By 9 Dicembre 2022No Comments

Era riuscita a organizzare un incontro amoroso adulterino che si prospettava piacevolmente piccante, ma non si aspettava certo la deriva oscura che in quella circostanza si celava.
Leo e Martina avevano prenotato con gli amici un pranzo presso un agriturismo sulle colline, non distante da casa, con l’idea di passare il pomeriggio presso la piscina di cui la struttura era dotata.
Prima di giungere alla località prescelta notarono le indicazioni di un’azienda vinicola della zona che il marito conosceva di fama e, appassionato com’era di vini e sempre alla ricerca di nuovi validi prodotti, insistette per visitarla. La struttura si presentava molto gradevole, ben ordinata e dava l’impressione di efficienza.
Il titolare li accolse cordialmente e, dopo una visita alla sua cantina, li invitò a una degustazione. Rodolfo, un cinquantenne abbronzato dai capelli brizzolati che sfoggiava una forma fisica invidiabile, apprezzò subito la bella signora procace e ne notò – la sua grande esperienza non poteva ingannarlo – lo sguardo malandrino. Considerò analizzando la morbida femmina:
– Qualche chiletto in più c’è, ma non guasta, anzi…”
I due si studiavano e si sentirono attirare reciprocamente per una ragione squisitamente chimica. Rodolfo si accorse subito dell’interesse della donna nei suoi confronti e, quando guidò Martina al tavolo in cui si sarebbero accomodati
e dove facevano bella mostra di sé alcune bottiglie, le appoggiò una mano nell’incavo ascellare sfiorando così la radice del seno con un gesto apparentemente casuale. Lei ebbe un brivido e lo guardò incontrando un volto impassibile.

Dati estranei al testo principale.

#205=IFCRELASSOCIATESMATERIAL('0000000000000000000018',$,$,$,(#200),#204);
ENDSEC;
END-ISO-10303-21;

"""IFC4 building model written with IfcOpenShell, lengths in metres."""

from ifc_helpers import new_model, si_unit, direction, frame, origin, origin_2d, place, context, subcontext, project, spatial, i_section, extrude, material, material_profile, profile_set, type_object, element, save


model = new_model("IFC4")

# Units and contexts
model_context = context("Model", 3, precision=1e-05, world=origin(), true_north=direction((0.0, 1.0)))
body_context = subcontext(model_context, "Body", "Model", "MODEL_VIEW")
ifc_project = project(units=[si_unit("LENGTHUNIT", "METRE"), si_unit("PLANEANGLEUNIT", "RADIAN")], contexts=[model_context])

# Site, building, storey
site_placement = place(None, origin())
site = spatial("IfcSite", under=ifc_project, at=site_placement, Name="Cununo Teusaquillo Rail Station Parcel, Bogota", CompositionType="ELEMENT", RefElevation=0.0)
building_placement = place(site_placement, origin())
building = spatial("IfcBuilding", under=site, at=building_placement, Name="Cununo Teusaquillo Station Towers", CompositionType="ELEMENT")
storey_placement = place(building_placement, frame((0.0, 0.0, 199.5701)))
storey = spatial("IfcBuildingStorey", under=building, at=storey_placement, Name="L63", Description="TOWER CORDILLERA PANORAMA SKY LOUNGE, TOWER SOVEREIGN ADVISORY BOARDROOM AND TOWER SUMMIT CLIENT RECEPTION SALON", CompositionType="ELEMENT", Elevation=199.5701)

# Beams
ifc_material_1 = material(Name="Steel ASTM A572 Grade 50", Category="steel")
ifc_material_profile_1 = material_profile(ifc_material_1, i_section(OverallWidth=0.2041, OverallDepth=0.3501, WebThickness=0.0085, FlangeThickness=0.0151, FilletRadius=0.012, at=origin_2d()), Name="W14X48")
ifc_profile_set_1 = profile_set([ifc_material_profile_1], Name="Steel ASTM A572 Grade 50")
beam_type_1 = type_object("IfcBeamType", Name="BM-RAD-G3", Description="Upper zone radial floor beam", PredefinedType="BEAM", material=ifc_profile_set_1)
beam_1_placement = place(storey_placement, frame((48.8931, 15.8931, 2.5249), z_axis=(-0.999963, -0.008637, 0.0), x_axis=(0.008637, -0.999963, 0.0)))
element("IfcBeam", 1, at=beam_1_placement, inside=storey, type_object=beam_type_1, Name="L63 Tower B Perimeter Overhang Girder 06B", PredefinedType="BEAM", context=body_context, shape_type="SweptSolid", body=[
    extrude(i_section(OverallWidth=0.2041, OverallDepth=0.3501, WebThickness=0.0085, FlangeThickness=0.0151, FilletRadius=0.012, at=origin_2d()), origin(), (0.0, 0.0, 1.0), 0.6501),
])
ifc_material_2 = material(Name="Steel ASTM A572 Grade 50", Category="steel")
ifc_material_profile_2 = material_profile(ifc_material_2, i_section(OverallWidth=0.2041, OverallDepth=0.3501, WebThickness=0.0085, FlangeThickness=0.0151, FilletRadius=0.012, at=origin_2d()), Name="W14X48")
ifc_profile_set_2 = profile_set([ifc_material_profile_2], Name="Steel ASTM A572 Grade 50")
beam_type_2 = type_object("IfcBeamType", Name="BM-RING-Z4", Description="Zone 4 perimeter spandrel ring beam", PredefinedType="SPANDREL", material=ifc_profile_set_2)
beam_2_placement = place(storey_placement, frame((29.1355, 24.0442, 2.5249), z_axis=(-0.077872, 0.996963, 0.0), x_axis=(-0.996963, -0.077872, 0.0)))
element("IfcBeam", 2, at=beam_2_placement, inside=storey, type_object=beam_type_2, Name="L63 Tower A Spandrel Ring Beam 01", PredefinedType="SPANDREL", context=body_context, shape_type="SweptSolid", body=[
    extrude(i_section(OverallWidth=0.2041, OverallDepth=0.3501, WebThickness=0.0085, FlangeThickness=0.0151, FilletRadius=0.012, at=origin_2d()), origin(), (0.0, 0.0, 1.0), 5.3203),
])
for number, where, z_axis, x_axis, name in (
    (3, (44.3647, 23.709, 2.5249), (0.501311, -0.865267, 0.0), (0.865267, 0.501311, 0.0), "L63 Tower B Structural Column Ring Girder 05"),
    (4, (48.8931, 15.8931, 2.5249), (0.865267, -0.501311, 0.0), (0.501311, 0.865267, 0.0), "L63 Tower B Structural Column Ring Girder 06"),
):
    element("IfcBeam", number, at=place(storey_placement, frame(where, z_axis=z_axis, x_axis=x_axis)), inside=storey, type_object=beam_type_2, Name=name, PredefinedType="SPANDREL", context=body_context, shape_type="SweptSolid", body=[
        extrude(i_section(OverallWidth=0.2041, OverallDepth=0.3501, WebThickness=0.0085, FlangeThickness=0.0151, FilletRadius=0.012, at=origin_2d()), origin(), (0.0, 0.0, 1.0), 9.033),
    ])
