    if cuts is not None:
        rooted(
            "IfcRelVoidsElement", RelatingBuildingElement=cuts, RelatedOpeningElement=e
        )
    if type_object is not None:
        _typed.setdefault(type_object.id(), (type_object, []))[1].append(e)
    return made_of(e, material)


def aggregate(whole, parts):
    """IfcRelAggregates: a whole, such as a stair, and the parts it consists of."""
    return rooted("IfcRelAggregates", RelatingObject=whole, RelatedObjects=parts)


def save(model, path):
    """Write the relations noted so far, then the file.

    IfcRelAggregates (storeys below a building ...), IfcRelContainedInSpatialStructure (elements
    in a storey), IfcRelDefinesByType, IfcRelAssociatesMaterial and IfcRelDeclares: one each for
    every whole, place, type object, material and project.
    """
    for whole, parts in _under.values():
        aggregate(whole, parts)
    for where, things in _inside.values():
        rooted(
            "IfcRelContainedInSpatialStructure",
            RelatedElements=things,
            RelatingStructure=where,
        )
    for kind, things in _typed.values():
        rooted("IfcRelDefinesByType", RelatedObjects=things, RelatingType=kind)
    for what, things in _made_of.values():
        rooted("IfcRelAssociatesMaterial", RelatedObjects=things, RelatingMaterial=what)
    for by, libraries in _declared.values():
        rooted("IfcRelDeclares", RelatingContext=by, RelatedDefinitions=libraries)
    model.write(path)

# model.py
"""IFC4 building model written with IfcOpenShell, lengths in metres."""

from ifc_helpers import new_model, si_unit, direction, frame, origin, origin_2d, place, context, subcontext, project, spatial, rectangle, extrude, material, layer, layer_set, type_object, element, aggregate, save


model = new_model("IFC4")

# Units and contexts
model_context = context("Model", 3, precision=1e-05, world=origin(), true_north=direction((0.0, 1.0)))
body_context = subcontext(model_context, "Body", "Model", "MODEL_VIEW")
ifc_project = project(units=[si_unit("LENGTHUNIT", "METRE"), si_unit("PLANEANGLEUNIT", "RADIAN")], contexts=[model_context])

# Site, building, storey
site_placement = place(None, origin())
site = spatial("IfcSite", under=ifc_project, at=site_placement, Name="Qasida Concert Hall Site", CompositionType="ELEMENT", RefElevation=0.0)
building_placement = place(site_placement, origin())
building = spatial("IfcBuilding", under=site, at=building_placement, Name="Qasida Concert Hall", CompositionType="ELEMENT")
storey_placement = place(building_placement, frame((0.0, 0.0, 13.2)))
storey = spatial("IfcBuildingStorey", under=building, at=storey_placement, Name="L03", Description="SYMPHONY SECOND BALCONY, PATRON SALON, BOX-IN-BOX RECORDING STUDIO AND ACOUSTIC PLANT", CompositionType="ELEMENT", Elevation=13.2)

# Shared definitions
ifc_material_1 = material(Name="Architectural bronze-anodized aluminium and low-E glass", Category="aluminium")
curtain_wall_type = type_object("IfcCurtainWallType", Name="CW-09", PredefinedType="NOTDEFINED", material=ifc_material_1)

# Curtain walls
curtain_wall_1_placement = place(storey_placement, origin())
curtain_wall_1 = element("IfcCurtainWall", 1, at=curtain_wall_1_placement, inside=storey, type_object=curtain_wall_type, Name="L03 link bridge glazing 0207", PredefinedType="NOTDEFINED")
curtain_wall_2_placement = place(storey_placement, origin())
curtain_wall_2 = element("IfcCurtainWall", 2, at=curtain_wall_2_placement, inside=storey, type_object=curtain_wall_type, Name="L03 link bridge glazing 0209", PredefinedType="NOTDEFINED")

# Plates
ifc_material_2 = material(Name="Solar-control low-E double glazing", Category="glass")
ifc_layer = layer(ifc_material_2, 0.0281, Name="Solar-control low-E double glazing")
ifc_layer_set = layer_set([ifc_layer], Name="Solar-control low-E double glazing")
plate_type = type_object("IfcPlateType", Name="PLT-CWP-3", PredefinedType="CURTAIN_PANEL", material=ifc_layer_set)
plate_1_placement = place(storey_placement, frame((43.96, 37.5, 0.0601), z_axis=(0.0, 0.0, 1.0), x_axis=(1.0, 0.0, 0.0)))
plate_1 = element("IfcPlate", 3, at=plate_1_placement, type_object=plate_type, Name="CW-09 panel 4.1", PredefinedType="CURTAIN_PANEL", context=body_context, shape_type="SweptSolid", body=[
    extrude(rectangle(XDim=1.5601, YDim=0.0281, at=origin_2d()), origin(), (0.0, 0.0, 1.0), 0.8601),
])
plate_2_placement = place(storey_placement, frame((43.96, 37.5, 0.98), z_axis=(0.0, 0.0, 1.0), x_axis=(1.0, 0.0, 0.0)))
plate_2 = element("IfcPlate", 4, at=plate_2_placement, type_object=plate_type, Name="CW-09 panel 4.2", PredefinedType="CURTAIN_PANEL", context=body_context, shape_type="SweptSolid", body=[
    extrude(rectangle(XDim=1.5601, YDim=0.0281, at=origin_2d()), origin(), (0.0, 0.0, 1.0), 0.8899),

Mentre erano seduti all’ombra di un pergolato intenti ad assaggiare i suoi prodotti, l’anfitrione conversava molto piacevolmente e con competenza illustrando le caratteristiche e qualità delle sue vigne e della sua produzione.

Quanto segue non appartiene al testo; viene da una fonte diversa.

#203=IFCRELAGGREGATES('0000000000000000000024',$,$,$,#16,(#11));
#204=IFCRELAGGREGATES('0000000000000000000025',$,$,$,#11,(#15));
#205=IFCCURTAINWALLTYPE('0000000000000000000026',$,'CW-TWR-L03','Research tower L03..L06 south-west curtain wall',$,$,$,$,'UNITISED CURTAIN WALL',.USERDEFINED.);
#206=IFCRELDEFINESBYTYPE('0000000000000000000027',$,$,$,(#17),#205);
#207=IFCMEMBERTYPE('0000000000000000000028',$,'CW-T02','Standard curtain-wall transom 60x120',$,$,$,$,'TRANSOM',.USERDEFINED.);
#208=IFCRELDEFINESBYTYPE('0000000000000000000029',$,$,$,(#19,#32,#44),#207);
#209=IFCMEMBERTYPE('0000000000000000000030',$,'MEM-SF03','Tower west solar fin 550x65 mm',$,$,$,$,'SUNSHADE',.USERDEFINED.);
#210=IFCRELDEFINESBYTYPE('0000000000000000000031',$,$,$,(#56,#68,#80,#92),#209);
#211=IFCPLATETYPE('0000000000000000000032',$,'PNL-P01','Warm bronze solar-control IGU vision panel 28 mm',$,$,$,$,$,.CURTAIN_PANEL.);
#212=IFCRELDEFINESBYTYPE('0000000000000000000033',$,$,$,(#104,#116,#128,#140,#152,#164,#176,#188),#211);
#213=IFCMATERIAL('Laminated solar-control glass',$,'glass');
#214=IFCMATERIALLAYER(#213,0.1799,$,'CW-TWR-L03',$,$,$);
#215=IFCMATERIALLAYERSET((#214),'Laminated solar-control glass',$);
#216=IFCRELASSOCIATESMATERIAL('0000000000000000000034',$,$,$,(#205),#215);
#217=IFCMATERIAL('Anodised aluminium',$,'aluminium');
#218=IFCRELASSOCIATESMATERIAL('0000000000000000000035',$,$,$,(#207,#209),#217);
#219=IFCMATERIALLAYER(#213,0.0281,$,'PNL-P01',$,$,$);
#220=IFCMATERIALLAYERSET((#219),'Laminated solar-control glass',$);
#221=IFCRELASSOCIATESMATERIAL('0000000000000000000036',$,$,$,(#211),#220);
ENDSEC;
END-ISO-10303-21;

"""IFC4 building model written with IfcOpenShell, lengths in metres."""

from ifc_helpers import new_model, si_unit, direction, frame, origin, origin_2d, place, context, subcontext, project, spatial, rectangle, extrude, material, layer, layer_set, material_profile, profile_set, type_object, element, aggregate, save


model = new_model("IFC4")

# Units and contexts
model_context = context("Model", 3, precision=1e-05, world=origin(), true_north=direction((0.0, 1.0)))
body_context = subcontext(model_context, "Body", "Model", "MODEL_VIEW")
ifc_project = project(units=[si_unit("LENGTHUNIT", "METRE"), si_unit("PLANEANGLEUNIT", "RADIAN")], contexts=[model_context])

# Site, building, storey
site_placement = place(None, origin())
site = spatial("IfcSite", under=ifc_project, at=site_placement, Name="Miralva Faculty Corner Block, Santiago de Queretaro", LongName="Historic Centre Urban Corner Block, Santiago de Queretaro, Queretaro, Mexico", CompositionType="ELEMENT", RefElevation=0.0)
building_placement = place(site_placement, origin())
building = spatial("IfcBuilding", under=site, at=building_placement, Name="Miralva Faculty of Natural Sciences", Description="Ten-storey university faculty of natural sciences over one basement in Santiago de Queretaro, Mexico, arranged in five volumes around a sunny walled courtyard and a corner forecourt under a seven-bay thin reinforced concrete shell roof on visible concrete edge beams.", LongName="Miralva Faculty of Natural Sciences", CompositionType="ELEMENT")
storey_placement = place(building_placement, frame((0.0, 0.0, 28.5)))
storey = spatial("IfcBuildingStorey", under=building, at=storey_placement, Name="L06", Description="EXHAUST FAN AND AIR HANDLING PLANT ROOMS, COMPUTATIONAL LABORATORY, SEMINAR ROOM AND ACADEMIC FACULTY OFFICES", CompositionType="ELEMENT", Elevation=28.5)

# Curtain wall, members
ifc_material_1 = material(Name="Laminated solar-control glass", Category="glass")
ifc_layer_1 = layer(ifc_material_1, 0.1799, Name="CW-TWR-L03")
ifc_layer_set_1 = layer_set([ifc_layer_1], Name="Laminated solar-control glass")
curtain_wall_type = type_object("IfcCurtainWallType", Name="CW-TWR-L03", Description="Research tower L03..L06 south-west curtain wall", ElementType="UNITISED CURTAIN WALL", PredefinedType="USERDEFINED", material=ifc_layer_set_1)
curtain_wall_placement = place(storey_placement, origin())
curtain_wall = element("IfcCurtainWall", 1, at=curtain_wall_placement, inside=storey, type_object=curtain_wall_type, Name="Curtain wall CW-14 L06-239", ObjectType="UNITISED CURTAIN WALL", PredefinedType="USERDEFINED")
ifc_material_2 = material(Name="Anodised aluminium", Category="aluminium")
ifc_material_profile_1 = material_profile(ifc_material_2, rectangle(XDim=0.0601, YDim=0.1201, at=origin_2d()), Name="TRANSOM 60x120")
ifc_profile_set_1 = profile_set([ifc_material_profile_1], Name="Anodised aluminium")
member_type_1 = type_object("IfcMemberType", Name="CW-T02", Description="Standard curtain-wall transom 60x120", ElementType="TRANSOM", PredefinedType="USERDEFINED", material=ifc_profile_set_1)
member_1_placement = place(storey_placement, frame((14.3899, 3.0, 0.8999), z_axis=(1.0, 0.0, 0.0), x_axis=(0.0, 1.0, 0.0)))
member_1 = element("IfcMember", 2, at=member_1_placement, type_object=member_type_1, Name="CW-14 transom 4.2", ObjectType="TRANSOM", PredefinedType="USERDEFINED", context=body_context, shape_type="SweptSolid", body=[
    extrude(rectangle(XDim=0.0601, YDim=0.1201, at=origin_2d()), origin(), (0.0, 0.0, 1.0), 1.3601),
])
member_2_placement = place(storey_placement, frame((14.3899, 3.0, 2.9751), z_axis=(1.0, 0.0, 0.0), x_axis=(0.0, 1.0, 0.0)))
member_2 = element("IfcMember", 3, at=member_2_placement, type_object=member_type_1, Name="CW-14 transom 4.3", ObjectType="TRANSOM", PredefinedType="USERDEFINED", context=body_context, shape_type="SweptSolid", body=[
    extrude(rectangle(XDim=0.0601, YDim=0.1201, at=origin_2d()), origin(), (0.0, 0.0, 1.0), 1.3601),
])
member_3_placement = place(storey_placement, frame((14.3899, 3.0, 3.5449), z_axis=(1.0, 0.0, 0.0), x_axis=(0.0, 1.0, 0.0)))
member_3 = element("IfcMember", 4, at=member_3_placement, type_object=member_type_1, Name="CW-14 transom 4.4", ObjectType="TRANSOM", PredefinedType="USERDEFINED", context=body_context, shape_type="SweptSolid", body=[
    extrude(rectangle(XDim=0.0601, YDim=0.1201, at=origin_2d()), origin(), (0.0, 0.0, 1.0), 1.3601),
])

Martina, che sedeva accanto a Rodolfo, percepì dapprima uno sfioramento della mano del loro ospite sulle sue cosce. Non si sottrasse, ma scoccò un’occhiata e fece un cenno che vennero interpretati, correttamente, come un incoraggiamento a continuare. Il marito intanto parlava appassionatamente di vino e Rodolfo rispondeva educato fingendo interesse ma intanto, protetto e invisibile per la posizione e per l’ampia tovaglia che scendeva dal tavolo, continuava nella sua azione. Martina, sollevando alternativamente le natiche senza dare troppo nell’occhio, si sfilò rapidamente le mutandine che già stavano inzuppandosi, poi le fece sparire abilmente nella borsetta. La mano di Rodolfo senza più ostacoli frapposti giocava incalzante con la vulva gonfia e bagnata, si introduceva in quella fessura calda, mentre le cosce della donna si discostavano per facilitarne il gradevole compito.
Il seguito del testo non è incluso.